雲宗來到寺廟,片刻之間,便逛完所有的殿堂,沒有找到機緣。旁邊有免費發放的流通本經文,雲宗上前隨喜一串銅錢,拿了一本金剛經,離開而去。
“佛門無緣,那就去道家看看。”
雲宗順著長街,來到城中的玄明觀。
玄明觀建在一片松林中,面積比永明寺大了十倍,香火也自然鼎盛很多。雲宗順著青石路,進入道觀,隨意閒逛。

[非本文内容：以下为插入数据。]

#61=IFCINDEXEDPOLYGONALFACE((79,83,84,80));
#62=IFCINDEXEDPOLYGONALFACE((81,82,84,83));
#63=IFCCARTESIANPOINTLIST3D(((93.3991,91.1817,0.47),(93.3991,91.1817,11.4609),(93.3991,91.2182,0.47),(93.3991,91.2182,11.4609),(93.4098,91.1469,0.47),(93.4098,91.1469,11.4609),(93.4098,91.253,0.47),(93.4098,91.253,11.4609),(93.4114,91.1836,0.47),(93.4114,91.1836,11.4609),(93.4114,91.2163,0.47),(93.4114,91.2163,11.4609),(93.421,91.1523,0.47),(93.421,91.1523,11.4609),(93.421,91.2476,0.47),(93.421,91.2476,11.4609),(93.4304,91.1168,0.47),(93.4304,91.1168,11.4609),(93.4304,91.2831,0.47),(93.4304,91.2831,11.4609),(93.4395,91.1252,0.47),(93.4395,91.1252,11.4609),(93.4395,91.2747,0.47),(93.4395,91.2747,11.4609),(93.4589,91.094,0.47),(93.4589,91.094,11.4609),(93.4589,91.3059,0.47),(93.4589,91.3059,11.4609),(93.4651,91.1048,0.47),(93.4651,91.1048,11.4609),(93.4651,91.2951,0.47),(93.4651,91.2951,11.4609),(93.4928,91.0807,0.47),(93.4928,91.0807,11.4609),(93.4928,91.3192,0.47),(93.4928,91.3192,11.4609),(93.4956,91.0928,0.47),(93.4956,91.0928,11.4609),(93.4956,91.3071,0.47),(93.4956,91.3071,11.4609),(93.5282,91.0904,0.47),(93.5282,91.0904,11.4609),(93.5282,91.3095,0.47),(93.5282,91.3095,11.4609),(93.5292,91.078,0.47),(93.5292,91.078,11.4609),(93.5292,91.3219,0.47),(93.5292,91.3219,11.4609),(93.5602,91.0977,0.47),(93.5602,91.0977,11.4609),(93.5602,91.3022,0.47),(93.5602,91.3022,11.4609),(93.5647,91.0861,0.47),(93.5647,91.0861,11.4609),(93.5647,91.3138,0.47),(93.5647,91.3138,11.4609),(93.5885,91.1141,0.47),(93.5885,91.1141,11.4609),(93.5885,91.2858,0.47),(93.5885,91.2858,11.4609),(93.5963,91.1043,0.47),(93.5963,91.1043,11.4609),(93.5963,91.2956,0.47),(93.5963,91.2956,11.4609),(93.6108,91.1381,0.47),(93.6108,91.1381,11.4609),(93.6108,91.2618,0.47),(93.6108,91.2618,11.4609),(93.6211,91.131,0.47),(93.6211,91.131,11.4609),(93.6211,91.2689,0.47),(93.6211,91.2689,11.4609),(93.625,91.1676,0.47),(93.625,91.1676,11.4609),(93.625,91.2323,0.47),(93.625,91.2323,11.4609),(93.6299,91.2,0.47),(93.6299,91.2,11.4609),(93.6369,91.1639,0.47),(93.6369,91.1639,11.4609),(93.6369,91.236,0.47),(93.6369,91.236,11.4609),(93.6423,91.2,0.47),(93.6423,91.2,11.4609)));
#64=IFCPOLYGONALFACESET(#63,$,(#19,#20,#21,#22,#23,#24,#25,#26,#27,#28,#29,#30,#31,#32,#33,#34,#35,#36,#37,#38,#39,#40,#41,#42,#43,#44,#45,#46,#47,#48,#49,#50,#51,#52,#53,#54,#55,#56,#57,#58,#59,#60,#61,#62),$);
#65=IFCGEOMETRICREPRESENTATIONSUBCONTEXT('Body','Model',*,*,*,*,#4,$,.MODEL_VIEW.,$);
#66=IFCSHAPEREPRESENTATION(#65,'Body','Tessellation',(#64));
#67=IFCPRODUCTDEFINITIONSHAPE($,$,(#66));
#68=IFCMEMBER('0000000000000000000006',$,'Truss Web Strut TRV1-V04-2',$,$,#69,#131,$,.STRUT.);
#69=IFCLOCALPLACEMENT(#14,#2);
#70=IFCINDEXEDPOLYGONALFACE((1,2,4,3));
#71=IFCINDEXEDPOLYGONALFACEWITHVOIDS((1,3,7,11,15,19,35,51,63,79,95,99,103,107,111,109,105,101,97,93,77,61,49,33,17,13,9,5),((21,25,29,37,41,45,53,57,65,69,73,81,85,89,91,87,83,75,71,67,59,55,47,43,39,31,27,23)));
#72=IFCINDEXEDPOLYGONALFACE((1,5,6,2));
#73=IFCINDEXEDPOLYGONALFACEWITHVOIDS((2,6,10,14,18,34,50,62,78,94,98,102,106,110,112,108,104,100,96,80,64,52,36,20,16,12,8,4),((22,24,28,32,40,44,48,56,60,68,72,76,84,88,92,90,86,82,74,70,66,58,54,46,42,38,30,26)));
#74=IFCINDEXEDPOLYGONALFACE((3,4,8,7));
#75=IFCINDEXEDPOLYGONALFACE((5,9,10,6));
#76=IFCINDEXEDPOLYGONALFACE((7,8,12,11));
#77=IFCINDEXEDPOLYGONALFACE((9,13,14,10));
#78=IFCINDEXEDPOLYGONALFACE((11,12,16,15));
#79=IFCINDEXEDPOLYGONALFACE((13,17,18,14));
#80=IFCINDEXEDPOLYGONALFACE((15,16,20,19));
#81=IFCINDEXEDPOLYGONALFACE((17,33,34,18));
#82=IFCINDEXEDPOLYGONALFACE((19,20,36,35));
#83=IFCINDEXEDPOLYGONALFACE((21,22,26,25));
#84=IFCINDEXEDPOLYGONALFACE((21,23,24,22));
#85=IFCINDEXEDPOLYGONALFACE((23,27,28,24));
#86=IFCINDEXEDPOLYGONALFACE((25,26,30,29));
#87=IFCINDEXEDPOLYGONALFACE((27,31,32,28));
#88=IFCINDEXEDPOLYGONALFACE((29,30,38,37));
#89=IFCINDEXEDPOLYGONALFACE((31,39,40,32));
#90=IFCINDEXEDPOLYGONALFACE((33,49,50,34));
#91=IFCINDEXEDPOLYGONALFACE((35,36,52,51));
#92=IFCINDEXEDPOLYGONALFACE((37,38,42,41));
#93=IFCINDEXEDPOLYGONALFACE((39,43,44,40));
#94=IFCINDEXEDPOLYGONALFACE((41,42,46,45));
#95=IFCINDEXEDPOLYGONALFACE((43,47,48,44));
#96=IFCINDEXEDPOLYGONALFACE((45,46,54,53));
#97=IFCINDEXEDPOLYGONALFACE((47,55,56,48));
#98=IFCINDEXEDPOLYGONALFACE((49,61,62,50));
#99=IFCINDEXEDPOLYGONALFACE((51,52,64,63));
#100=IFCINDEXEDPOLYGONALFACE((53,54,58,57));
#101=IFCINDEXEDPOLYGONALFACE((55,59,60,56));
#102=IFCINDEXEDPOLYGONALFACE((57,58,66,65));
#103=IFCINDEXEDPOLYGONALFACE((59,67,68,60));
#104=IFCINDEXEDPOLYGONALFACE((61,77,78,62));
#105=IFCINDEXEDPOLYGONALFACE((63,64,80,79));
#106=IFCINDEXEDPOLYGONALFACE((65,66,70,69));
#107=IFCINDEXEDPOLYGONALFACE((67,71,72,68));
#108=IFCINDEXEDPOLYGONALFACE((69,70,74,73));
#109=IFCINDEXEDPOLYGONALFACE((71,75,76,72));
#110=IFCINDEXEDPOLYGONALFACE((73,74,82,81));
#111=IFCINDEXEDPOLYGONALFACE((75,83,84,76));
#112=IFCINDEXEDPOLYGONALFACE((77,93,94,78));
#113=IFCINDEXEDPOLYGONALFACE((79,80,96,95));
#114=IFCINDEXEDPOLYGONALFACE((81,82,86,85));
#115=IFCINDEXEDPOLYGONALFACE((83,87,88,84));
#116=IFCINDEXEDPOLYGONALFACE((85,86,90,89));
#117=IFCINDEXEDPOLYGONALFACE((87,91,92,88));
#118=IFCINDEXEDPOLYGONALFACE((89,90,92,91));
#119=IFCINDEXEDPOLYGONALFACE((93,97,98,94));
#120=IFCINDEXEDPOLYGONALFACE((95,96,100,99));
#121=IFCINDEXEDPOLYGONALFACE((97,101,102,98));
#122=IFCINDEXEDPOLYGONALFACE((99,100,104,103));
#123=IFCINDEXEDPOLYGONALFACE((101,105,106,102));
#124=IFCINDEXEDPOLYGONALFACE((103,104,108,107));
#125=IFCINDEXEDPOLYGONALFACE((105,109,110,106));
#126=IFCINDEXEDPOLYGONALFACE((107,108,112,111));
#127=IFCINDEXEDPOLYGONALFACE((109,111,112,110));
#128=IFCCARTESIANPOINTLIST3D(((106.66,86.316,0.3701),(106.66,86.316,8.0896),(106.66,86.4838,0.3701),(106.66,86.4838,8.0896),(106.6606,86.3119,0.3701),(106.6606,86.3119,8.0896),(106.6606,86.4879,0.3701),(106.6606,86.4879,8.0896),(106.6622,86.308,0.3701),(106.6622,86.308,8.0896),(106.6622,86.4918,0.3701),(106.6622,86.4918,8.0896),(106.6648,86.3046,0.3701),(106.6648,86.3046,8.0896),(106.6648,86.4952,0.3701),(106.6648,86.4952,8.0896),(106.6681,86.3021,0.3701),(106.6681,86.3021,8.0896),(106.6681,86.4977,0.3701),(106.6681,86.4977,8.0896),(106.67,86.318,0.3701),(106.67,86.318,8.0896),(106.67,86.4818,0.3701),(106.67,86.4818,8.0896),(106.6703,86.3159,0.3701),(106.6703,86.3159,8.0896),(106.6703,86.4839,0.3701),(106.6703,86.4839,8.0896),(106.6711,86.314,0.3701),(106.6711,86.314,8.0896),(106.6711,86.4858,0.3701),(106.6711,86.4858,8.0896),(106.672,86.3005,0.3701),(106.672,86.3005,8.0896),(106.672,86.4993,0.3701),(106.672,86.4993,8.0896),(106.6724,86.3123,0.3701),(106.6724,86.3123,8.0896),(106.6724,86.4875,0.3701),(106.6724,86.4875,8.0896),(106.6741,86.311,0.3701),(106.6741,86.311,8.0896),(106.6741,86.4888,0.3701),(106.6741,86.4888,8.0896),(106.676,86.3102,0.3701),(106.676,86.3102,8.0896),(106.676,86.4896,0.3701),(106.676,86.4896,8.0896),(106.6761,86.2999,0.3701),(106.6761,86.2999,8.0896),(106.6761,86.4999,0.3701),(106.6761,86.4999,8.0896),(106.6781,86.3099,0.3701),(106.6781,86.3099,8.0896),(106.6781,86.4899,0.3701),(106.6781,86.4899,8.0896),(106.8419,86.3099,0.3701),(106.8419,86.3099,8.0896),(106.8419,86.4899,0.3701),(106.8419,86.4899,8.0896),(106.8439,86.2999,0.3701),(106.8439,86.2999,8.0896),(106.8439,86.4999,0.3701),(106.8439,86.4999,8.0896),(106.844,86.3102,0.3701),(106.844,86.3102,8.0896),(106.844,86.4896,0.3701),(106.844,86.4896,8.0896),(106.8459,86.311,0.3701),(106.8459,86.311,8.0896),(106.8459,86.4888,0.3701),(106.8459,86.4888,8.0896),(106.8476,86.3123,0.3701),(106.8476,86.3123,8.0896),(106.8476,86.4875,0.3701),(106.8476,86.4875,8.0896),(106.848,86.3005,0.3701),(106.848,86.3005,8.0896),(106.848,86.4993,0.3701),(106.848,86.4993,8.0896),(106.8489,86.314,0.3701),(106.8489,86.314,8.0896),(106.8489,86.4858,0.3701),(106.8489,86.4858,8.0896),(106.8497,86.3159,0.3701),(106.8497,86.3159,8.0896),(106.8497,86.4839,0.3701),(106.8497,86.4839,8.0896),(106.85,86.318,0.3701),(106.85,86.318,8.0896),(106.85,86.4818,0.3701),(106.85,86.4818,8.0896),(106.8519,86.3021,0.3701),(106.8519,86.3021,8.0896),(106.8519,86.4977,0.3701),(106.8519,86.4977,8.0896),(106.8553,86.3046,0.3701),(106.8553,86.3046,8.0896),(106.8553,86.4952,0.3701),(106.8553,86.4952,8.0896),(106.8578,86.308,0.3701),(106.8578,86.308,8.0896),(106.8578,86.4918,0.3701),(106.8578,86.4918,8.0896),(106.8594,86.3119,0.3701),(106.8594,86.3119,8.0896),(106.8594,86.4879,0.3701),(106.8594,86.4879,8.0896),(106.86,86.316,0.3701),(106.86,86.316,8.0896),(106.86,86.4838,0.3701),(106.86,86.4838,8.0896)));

大殿之上香火繚繞,雲宗突然看見一道熟悉的背影,賣面的老翁!
“竟在這兒出現,真是巧了!”
雲宗急忙擠開香客,急急地走了過去。
老翁沒有回頭,但彷彿是知道雲宗跟來,轉身離開,向殿後走去。
雲宗疾步跟上,旁邊一名道士上前,伸手攔住去路,“這位香客,後殿非道觀之人,不能進入。”

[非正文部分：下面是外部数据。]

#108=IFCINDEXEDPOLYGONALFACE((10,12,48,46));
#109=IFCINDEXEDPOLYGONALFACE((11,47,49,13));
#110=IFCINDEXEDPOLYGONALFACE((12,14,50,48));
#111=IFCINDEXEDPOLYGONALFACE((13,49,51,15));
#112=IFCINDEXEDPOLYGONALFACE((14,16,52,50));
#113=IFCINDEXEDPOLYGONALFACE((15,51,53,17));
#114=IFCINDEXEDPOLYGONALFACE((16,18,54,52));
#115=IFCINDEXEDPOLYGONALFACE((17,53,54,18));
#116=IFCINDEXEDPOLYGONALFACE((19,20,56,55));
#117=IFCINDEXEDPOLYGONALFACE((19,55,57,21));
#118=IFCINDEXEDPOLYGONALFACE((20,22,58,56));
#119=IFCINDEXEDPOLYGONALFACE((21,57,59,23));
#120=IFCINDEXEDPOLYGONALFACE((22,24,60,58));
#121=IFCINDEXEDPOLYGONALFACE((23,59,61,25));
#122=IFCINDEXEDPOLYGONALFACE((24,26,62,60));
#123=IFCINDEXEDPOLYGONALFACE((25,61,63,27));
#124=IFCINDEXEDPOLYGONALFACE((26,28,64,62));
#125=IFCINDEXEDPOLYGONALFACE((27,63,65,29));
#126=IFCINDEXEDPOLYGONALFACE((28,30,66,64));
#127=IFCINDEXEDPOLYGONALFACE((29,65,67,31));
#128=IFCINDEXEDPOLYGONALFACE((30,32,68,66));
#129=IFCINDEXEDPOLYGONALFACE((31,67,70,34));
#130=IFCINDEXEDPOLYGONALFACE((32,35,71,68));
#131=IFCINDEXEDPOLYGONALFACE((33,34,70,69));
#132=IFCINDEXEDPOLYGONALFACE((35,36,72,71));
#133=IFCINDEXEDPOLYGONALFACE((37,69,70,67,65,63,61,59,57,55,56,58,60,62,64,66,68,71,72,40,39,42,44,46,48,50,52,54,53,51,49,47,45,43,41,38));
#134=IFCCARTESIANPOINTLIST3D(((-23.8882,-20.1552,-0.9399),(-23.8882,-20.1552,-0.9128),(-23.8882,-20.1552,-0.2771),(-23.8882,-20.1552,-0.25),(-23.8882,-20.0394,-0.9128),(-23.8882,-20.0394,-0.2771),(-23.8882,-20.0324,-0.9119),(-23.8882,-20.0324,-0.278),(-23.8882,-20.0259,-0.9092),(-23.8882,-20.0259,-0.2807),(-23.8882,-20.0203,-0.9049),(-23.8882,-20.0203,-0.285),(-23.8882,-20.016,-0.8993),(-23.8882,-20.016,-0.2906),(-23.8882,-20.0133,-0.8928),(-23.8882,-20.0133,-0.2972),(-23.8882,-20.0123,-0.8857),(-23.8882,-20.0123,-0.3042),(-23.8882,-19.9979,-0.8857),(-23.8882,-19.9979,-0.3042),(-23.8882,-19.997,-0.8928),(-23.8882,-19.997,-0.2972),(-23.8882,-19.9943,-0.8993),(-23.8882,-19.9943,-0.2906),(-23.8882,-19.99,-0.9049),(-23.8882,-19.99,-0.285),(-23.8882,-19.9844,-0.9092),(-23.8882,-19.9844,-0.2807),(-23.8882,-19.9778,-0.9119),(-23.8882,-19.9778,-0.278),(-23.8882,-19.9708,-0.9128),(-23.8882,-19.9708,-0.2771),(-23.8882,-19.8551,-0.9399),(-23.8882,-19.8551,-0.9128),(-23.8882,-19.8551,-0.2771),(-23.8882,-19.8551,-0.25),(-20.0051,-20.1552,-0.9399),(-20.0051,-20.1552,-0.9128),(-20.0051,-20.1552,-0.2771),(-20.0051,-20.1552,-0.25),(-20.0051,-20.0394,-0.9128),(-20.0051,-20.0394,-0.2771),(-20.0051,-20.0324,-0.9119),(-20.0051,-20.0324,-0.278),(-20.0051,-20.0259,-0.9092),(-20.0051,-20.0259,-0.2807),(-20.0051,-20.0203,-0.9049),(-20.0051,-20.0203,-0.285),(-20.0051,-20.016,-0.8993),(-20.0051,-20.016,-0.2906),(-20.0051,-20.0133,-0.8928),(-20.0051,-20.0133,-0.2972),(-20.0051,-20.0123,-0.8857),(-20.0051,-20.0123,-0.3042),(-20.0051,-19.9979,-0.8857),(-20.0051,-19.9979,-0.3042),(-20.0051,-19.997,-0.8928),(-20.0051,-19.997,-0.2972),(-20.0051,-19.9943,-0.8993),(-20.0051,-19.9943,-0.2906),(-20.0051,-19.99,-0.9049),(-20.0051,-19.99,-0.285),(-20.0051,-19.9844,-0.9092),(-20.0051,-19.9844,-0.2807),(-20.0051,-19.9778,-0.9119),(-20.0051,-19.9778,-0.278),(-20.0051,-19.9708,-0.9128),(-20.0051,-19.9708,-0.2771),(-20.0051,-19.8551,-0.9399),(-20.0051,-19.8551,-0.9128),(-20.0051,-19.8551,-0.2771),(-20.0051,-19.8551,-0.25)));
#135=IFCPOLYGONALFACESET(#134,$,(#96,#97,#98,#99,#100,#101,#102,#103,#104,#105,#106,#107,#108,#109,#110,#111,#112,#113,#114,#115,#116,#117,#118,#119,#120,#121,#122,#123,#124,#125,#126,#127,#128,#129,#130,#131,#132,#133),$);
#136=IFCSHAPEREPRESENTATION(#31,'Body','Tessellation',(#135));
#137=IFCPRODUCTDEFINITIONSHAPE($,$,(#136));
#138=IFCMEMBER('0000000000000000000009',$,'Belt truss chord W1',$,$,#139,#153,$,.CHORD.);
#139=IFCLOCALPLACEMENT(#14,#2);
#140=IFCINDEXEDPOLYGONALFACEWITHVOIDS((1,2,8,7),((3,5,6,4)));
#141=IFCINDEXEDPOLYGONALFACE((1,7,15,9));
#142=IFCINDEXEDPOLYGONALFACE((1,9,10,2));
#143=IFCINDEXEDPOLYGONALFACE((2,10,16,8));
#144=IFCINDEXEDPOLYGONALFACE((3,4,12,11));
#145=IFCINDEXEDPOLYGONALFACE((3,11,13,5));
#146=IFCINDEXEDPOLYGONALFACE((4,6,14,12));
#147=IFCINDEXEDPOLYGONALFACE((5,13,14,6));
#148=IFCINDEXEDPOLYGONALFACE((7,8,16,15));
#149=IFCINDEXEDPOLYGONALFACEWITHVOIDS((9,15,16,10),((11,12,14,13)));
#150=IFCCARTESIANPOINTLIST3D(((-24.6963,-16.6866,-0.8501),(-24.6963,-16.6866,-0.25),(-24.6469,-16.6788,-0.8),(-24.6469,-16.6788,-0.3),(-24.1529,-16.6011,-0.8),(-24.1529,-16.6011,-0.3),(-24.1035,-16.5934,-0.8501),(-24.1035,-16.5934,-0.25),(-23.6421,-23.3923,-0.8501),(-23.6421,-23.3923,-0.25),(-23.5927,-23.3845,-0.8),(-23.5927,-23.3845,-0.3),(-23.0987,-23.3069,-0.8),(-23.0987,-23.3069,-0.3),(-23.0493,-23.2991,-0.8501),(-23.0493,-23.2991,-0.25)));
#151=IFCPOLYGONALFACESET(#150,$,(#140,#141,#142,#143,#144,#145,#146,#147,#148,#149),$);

“我剛才就看見有人進去了,一身俗家衣裝,不是道觀的人。”雲宗說道。
“剛才?”
道士一臉疑惑,“我一直站在這兒,沒有看見人進入啊?”
這事情說不清楚了,雲宗掏出身份腰牌,“捕快辦案,快快閃開!”
道士一怔,急忙向旁邊閃開,稽首問道:“官爺,你……”
雲宗懶得理會道士,向前疾步而去,遠遠看見老翁的背影,走出殿門。
“老丈,請留步!”
雲宗喊了一聲,老翁卻沒有聽見似的,只顧著走去,消失在殿門外。雲宗身形疾衝,瞬間站在殿門外,卻看見老翁的背影,已在六十餘丈之外。
“此人身法,竟如斯之快!”
雲宗為之駭然,急忙騰身追了上去。
老翁身形在前面,一步一步地走去,雲宗逐漸拉近距離。但最後十餘丈,不管他如何狂追,始終無法拉近一步。

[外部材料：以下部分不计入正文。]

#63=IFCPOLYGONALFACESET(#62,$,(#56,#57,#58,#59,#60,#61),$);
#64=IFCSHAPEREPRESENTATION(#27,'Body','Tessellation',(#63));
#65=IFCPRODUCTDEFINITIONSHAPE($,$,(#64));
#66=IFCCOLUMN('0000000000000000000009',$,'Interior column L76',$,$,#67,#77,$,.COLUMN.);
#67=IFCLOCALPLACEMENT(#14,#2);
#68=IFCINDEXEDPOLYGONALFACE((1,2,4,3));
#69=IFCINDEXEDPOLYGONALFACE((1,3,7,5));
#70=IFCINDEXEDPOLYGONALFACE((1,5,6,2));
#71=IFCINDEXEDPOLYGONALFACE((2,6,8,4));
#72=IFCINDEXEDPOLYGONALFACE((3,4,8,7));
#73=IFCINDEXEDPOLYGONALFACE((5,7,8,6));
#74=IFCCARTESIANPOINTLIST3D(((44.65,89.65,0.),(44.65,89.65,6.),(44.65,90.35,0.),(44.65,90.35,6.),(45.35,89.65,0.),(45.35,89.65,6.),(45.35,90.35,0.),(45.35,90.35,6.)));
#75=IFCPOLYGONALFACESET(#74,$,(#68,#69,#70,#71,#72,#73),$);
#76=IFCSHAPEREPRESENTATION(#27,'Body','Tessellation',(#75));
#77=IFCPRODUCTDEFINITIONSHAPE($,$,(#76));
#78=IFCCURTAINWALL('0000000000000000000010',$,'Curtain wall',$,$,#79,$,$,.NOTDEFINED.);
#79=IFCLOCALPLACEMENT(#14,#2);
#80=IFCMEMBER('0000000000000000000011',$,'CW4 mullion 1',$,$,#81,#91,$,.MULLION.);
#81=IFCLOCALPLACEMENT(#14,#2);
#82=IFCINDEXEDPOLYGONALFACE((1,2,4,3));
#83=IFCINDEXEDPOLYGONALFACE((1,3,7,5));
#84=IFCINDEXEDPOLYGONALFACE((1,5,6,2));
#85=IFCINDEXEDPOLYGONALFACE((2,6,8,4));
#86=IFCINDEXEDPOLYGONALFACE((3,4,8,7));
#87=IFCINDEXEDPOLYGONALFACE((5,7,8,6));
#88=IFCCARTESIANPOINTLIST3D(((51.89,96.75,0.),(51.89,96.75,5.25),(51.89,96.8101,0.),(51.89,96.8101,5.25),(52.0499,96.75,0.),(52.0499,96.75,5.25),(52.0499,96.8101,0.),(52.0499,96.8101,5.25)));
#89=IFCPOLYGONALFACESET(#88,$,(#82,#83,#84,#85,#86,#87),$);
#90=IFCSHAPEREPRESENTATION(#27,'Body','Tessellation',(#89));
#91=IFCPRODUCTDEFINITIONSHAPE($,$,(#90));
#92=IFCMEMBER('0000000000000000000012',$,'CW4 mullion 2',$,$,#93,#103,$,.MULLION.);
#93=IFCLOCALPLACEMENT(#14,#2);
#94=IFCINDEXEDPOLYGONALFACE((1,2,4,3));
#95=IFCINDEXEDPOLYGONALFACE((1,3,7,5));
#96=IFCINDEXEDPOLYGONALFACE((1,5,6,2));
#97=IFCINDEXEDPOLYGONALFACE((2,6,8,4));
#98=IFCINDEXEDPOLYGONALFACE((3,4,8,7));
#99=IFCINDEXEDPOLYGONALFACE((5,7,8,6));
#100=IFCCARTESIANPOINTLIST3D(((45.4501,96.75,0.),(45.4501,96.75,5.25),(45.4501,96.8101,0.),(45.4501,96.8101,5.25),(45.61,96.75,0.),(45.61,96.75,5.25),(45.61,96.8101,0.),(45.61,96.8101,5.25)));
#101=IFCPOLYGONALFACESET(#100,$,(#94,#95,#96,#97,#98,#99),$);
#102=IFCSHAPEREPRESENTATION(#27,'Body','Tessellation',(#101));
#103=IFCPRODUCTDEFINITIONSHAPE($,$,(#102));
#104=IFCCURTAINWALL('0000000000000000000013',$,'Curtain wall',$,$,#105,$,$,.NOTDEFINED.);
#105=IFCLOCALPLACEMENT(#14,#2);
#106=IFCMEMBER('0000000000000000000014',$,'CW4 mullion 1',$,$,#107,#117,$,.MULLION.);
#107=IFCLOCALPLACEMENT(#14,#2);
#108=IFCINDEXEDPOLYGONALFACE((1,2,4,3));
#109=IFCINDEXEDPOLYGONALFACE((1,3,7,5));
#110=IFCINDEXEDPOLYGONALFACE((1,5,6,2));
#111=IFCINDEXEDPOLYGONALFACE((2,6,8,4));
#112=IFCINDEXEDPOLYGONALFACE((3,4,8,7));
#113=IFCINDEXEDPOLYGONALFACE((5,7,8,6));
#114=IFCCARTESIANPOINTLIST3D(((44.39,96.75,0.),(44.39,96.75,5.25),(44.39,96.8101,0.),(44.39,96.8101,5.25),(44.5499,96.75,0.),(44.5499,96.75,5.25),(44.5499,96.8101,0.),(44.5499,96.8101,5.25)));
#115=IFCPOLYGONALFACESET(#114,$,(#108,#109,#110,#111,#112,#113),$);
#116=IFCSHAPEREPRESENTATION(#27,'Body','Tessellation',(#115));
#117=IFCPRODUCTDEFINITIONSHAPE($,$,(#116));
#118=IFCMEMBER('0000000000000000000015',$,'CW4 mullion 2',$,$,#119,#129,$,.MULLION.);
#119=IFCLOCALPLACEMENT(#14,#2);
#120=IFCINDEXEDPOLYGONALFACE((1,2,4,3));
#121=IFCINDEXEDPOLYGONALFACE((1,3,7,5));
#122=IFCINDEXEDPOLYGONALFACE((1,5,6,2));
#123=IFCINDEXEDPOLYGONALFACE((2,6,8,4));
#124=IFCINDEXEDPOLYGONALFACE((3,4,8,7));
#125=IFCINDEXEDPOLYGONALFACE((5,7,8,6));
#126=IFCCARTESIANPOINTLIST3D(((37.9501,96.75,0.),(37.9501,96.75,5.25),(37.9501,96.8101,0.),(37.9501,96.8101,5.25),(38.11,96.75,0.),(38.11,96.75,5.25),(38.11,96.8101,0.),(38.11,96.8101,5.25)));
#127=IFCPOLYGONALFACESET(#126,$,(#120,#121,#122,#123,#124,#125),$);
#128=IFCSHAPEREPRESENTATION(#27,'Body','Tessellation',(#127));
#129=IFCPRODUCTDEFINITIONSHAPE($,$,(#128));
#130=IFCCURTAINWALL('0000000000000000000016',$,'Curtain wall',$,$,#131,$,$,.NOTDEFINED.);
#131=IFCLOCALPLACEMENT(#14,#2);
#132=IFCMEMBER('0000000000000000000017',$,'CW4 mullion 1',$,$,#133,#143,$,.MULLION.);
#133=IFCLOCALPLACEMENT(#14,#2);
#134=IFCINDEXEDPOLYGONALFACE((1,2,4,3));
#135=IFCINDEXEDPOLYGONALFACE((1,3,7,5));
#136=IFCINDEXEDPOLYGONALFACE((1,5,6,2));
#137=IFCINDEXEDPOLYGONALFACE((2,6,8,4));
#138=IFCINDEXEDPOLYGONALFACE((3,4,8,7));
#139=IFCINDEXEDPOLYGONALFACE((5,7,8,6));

“捕快緝兇辦案,前面的老丈,你給我停下來!”雲宗振聲疾喝,但老翁卻停下來的意思,徑直向前而去。
雲宗無法,只好跟在後面,看著老翁走入一間屋子,急忙縱身跟了進去。
“咦,人呢?哪兒去了?”
雲宗衝了房間,卻沒有看見老翁,驀地,
悸動的感覺傳來,與墨山寺貨郎、算卦先生消失時,一模一樣的感覺,彷彿有什麼發生似的。
向房間裡面走去,雲宗站在一幅山水畫之前。
“春山圖!”
雲宗雙眼瞟過畫上的題字,眼神落在某處,瞬間呆滯。
只見山水畫中,老翁沿著石徑而去,越來越遠,身形也逐漸變小。
“居然走入畫中?一定是障眼法,你在唬我!”
雲宗急忙運轉攻心訣,鬼眼!
再看牆上掛著的春山圖,老翁的身影在畫中,變成了跳躍的色點,最後消失了。
“真是走了,消失在畫中?”
雲宗念頭紛至沓來,頓時有些混亂,呼——!
春山圖驀地燃燒起來,掉在地上,化作一堆灰燼。
雲宗目瞪口呆,突然外面傳來腳步聲,有人走進屋來。
他急忙收起鬼眼,向外走去,迎面裝上一名道姑。
道姑一身廣袖道袍,窈窕秀麗,秀目澈似秋水,嬌靨白如凝脂,看見雲宗從裡屋出來,頓時吃了一驚,立刻拔劍刺來。
雲宗身形躲閃,避開攻殺。
道姑卻沒有停手,錚錚錚!長劍舞動,衍化出一朵朵劍花,繼續向他攻來。
鐺——,雲宗腰刀出鞘,擋住長劍,閃身站到了屋外,“停手!我是捕快!”
“捕快?捕快會胡亂走入道觀私地?”道姑神情肅然,舉劍繼續攻來。
雲宗急忙取出身份腰牌,道姑一怔,收劍停了下來。
這時,遠處兩名道士,一老一少,疾步走了過來。
老的是玄明觀的觀主玄誠子,少的是大殿攔住他的道士。道姑卻不是道觀的人,而是雲遊到此,在道觀掛單清修,名叫妙真。
“你們看見這個人沒有?”雲宗也不多解釋,當要了紙筆,畫了老翁的模樣。
玄誠子看了看畫像,搖了搖頭。
“道長是否可以召集道觀的弟子,幫我看看?”雲宗問道。
“此刻道觀香客眾多,弟子們都在各處照應。全部召集過來,恐怕難以做到。半個時辰之後,就是黃昏關閉道觀大門之時,貧道再向弟子詢問。”玄誠子稽首答道。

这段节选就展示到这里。